Montaigne; Bracciolini; Humanismo; otredad; cuerpo; sexualidad.

Abstract

 

The main proposal of this article is to analyze the ways in which two Humanists from different periods and nationalities, within the broad context of a European cultural process so widespread in temporal and geographical terms, constructed a figuration of otherness through similar textual strategies. Specifically, the article aims at reading contrastively works of Poggio Bracciolini and Michel de Montaigne to compare humanists presupposition that support the writing of both authors, even though time and space distances between them and, above all, between the references that each one of them addresses (while Bracciolini addresses a German community of Baden, Montaigne, who writes after the conquest of America, think about the inhabitants of the new continent). In that sense, the epistles of the first one and the essays of the second one have a common focus and a similar strategy. Its main focus, on the one hand, is linked to the issues and problems that characterized the humanist thought, perhaps from Petrarca: the body, sexuality, love, sin, human nature. The common strategy, on the other hand, could be defined, in brief, as the passage from a textual idealization of other culture towards a critique of the own customs and social norms (another central issue for humanists from different periods).

Keywords

Montaigne; Bracciolini; Humanism; otherness; body; sexuality.

INTRODUCCIÓN

Según Todorov, ninguno de todos los viajes de exploración que el hombre europeo emprendió entre los finales del siglo XV y comienzos del XVI provocó en la cultura de Occidente un impacto semejante al de la llegada de Colón a América (cfr. Todorov, 1998: 14). Parcialmente conocidos o parcialmente olvidados, otros terrenos exóticos, como África, China o India, habían rondado el imaginario de Europa mucho antes del auge colonialista. América, los americanos, en cambio, representaban una otredad nueva y radical, un desafío para los patrones morales, culturales, filosóficos y religiosos del Viejo Continente.[1] Por eso, podría decirse, una vez más con Todorov, que “aun si toda fecha que permite separar dos épocas es arbitraria, no hay ninguna que convenga más para marcar el comienzo de la edad moderna que el año 1492” (1998: 15).
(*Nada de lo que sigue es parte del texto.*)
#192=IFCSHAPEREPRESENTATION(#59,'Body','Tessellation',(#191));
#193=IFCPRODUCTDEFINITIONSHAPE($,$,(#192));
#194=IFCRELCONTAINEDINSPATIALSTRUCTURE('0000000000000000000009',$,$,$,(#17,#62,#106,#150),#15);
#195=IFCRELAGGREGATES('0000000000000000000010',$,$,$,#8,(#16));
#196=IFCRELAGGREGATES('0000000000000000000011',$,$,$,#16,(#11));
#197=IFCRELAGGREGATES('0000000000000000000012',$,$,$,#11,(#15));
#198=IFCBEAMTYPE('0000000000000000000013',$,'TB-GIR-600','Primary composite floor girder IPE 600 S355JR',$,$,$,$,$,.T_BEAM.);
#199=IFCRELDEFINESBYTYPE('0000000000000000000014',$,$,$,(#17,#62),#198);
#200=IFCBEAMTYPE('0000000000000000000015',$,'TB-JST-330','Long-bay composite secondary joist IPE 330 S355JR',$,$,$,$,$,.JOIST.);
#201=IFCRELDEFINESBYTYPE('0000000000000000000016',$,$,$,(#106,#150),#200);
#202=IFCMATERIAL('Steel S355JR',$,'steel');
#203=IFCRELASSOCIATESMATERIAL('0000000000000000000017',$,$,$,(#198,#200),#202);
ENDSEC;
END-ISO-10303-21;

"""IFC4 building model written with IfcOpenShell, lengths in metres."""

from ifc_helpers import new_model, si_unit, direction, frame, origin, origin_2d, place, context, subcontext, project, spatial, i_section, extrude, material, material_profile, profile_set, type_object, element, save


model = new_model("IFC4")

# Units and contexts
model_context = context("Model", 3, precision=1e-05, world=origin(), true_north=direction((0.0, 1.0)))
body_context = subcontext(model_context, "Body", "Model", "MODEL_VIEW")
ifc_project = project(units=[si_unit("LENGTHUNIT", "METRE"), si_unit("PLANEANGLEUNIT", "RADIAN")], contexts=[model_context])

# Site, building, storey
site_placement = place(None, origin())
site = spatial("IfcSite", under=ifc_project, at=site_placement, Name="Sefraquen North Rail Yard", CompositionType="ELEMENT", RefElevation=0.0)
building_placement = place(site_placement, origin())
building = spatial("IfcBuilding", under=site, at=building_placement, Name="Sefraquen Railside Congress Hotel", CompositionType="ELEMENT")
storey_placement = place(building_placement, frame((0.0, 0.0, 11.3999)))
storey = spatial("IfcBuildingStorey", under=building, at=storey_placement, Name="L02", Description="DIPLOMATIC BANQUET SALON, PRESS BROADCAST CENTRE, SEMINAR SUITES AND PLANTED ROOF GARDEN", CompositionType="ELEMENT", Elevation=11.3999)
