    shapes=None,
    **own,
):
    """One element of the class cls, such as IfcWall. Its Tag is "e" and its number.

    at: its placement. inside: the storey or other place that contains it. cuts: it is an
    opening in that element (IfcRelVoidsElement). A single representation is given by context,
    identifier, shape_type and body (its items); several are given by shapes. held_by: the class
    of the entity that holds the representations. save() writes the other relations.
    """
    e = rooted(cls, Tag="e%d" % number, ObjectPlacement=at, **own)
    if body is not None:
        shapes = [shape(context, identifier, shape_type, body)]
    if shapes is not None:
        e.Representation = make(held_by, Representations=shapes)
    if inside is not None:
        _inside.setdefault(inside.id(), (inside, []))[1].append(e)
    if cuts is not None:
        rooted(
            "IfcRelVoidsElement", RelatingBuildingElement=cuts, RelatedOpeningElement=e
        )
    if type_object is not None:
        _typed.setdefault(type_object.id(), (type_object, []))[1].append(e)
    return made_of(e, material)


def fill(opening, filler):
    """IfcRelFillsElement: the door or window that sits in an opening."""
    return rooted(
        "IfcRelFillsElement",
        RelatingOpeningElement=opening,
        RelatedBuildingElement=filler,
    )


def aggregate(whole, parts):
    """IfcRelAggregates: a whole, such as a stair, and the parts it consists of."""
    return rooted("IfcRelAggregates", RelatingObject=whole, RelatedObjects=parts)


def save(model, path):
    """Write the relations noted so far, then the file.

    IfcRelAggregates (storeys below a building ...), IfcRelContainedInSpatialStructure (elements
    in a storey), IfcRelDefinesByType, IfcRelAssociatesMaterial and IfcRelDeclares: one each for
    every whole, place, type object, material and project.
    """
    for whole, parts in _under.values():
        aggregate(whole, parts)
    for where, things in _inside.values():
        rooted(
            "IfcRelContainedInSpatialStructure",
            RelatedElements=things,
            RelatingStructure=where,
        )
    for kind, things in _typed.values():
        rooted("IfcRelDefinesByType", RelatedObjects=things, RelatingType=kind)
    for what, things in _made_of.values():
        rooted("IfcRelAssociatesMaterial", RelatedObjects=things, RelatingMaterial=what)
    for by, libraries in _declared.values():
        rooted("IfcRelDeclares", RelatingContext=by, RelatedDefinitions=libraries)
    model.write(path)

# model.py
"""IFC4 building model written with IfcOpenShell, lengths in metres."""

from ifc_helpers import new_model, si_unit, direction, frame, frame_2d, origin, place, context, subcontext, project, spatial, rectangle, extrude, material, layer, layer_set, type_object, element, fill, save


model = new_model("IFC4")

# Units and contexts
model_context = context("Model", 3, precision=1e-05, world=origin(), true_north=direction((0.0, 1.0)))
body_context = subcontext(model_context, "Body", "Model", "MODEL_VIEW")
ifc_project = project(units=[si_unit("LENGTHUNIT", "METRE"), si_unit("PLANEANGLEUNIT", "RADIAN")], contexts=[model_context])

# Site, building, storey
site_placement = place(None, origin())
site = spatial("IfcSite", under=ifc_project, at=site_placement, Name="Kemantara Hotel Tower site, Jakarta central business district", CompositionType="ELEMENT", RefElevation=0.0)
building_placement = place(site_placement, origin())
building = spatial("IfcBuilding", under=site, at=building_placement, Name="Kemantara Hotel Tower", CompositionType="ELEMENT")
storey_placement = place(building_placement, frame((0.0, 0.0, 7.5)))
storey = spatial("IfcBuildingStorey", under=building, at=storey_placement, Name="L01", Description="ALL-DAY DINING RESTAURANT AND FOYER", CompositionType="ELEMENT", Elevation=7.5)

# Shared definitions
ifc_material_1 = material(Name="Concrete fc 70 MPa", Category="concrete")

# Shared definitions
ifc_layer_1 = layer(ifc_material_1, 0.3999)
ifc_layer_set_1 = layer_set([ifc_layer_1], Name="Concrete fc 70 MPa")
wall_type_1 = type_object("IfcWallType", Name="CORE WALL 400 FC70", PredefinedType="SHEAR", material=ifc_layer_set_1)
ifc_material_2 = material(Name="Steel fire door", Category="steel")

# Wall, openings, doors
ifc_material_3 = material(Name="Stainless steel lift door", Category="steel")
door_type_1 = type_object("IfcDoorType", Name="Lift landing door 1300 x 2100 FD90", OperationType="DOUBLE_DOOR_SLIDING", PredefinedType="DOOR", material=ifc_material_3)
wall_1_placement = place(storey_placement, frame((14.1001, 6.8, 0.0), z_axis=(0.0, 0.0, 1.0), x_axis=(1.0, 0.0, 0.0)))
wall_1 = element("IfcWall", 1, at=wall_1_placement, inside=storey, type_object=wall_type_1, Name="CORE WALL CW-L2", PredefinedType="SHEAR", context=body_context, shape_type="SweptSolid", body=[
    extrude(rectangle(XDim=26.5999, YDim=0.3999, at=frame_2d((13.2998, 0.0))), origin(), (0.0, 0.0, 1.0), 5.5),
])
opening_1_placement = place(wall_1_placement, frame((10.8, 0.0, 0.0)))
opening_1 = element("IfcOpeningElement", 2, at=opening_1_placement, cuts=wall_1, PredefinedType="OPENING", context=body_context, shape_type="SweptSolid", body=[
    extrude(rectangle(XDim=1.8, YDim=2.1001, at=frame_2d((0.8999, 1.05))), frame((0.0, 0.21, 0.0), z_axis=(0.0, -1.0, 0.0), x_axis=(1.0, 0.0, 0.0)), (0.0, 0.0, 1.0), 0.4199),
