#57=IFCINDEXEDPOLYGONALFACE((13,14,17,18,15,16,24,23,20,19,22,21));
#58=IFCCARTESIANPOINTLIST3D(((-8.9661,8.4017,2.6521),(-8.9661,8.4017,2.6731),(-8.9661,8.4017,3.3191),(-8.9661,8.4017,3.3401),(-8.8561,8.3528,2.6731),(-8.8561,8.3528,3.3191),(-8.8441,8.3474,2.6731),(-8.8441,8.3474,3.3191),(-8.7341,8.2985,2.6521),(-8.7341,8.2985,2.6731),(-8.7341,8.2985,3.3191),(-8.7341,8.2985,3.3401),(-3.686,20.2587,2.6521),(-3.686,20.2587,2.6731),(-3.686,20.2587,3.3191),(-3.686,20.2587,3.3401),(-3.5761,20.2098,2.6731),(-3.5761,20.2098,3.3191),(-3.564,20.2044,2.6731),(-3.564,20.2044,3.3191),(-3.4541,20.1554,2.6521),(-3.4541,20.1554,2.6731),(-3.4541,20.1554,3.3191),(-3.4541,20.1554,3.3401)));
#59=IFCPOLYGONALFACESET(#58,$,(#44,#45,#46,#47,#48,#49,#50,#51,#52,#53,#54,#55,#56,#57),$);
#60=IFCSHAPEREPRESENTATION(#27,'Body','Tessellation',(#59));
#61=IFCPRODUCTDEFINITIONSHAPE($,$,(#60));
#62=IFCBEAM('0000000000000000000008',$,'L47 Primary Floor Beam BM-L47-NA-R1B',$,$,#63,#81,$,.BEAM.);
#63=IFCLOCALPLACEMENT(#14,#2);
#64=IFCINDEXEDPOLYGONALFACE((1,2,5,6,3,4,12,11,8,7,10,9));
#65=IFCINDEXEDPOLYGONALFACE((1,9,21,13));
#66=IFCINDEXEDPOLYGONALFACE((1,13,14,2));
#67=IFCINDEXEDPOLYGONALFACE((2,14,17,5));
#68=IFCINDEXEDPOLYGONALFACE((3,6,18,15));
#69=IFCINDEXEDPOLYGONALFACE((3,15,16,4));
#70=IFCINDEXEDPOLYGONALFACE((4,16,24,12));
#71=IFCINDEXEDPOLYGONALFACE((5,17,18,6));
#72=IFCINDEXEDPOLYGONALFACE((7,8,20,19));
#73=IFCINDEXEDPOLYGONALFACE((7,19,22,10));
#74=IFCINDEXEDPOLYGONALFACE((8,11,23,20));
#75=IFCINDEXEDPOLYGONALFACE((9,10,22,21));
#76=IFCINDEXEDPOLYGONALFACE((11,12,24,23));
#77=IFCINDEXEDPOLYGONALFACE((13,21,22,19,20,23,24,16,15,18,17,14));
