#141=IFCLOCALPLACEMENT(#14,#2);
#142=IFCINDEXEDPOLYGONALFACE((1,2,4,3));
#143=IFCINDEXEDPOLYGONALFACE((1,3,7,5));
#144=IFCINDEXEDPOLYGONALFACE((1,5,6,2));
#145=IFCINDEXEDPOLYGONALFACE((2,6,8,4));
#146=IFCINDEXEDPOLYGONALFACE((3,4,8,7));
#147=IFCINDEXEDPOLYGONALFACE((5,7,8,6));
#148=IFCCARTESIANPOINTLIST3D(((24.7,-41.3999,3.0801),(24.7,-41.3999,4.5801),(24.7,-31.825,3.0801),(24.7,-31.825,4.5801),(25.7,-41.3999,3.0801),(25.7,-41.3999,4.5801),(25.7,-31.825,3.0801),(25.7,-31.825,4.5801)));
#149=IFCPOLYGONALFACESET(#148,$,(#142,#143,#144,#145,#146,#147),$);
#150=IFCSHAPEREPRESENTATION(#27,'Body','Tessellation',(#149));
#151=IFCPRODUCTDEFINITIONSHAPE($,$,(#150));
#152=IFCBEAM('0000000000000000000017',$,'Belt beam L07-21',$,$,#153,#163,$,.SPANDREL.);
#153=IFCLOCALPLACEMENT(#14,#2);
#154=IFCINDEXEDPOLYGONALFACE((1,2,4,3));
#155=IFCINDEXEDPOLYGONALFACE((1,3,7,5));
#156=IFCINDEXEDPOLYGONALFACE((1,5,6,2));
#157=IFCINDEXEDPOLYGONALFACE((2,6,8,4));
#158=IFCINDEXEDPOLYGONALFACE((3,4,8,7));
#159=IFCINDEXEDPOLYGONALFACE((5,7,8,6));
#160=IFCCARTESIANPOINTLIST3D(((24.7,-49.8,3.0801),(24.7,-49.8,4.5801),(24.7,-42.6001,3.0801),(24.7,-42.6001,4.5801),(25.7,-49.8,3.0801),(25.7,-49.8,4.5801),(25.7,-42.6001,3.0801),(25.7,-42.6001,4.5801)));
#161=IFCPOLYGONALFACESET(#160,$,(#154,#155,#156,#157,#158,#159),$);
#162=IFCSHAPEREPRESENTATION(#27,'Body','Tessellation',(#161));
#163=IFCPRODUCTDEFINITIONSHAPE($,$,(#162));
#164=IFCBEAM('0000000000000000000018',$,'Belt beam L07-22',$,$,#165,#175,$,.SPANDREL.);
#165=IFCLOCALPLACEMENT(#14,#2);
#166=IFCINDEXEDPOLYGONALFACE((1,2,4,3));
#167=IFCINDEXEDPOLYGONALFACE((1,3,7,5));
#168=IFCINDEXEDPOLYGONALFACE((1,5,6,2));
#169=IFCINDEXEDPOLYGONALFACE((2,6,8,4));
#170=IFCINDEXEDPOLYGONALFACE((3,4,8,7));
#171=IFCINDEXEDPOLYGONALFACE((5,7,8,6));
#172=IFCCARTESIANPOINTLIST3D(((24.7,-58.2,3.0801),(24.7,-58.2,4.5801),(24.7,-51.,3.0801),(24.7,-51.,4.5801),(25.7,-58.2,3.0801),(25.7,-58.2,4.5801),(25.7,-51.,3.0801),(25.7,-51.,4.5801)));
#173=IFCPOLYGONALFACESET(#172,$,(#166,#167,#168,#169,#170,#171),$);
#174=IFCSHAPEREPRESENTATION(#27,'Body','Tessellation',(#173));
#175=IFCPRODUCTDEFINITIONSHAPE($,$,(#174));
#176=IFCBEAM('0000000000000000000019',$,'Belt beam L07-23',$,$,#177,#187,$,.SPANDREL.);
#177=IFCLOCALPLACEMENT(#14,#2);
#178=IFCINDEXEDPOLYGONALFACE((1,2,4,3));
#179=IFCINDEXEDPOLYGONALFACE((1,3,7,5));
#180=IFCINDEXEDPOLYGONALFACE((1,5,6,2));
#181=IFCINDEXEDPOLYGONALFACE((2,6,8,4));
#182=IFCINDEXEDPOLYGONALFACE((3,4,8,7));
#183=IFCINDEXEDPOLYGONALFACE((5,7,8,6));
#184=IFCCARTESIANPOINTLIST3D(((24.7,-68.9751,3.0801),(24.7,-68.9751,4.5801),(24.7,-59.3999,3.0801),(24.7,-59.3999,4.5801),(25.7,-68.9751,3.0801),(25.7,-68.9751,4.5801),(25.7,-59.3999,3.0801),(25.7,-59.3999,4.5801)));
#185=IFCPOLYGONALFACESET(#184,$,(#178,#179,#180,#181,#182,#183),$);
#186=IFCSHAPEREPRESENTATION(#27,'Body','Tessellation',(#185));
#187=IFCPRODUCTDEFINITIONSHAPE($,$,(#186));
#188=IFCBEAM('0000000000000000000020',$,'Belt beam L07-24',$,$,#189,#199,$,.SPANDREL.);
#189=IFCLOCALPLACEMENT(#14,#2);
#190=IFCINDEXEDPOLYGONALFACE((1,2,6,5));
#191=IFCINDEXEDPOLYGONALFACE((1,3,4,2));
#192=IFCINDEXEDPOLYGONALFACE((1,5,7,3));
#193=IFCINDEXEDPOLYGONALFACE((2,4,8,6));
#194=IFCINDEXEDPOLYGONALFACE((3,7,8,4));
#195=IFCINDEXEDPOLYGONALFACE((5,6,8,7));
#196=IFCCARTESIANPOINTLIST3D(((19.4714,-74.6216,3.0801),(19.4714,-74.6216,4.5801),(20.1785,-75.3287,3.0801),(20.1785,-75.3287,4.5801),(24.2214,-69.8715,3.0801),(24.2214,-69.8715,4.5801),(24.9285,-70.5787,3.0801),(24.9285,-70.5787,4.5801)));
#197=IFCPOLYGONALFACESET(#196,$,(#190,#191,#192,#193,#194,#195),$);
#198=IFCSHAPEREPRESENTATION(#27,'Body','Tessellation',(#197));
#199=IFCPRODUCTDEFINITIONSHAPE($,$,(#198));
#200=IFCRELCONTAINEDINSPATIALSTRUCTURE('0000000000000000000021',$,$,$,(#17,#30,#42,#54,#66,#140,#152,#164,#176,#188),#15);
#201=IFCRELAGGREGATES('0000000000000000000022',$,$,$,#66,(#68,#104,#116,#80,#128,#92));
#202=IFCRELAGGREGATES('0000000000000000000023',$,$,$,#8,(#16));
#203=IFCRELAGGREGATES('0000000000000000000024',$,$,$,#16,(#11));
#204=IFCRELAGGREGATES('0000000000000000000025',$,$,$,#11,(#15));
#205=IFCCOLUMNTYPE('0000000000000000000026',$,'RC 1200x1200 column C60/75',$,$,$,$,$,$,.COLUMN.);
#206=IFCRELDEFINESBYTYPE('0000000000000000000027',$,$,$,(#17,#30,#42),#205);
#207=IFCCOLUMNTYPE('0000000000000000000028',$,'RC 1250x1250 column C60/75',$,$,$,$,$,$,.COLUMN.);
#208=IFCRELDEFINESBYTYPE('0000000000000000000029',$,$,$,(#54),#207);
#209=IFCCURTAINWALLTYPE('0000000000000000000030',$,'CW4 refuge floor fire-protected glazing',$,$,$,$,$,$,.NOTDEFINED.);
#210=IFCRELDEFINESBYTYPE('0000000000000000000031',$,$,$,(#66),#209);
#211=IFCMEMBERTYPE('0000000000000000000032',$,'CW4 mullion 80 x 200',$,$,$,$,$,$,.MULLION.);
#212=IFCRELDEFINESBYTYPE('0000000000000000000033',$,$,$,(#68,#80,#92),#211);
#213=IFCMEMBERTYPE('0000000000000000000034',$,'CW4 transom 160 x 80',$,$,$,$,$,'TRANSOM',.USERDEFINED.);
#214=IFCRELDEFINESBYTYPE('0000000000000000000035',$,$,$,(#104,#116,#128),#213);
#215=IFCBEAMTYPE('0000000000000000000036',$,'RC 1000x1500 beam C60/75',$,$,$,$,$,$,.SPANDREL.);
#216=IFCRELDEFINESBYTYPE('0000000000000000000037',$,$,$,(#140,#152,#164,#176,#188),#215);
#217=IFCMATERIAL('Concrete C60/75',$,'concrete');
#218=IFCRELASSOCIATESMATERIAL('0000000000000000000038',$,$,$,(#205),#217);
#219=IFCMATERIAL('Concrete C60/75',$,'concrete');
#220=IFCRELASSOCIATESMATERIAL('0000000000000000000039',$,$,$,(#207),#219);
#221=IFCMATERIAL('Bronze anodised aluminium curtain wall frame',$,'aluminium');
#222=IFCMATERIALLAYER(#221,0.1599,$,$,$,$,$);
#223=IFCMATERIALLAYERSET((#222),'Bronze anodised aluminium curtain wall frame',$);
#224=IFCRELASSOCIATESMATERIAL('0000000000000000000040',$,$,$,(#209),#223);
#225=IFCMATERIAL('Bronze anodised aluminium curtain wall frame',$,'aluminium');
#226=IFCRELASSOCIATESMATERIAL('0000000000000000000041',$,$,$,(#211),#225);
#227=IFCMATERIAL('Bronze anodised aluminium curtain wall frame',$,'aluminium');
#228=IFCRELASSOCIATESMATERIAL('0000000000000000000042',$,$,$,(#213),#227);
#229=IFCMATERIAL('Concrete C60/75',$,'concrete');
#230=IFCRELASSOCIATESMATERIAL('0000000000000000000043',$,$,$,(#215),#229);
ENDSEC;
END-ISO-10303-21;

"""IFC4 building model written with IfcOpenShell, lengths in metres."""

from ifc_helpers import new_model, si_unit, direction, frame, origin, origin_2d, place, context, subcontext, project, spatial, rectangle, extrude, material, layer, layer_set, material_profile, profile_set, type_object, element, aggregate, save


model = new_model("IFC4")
El humanismo logró sobrevivir al cisma. Aún cuando el siglo XVI lo encontró en su declive,[2] algunas de las líneas fundamentales de su pensamiento siguieron vivas, aunque no intactas. No obstante, de ninguna manera quedará exento de recibir el impacto que provocaron en la cultura europea los relatos con que los viajeros importaban sus vivencias desde tierras lejanas para ponerlas a circular en Europa, de manera oral o escrita: ellos nutrieron el imaginario, inauguraron polémicas, desestabilizaron certezas y, sobre todo, perfilaron esa otredad imposible de subsumir bajo la forma de un mero matiz en las costumbres.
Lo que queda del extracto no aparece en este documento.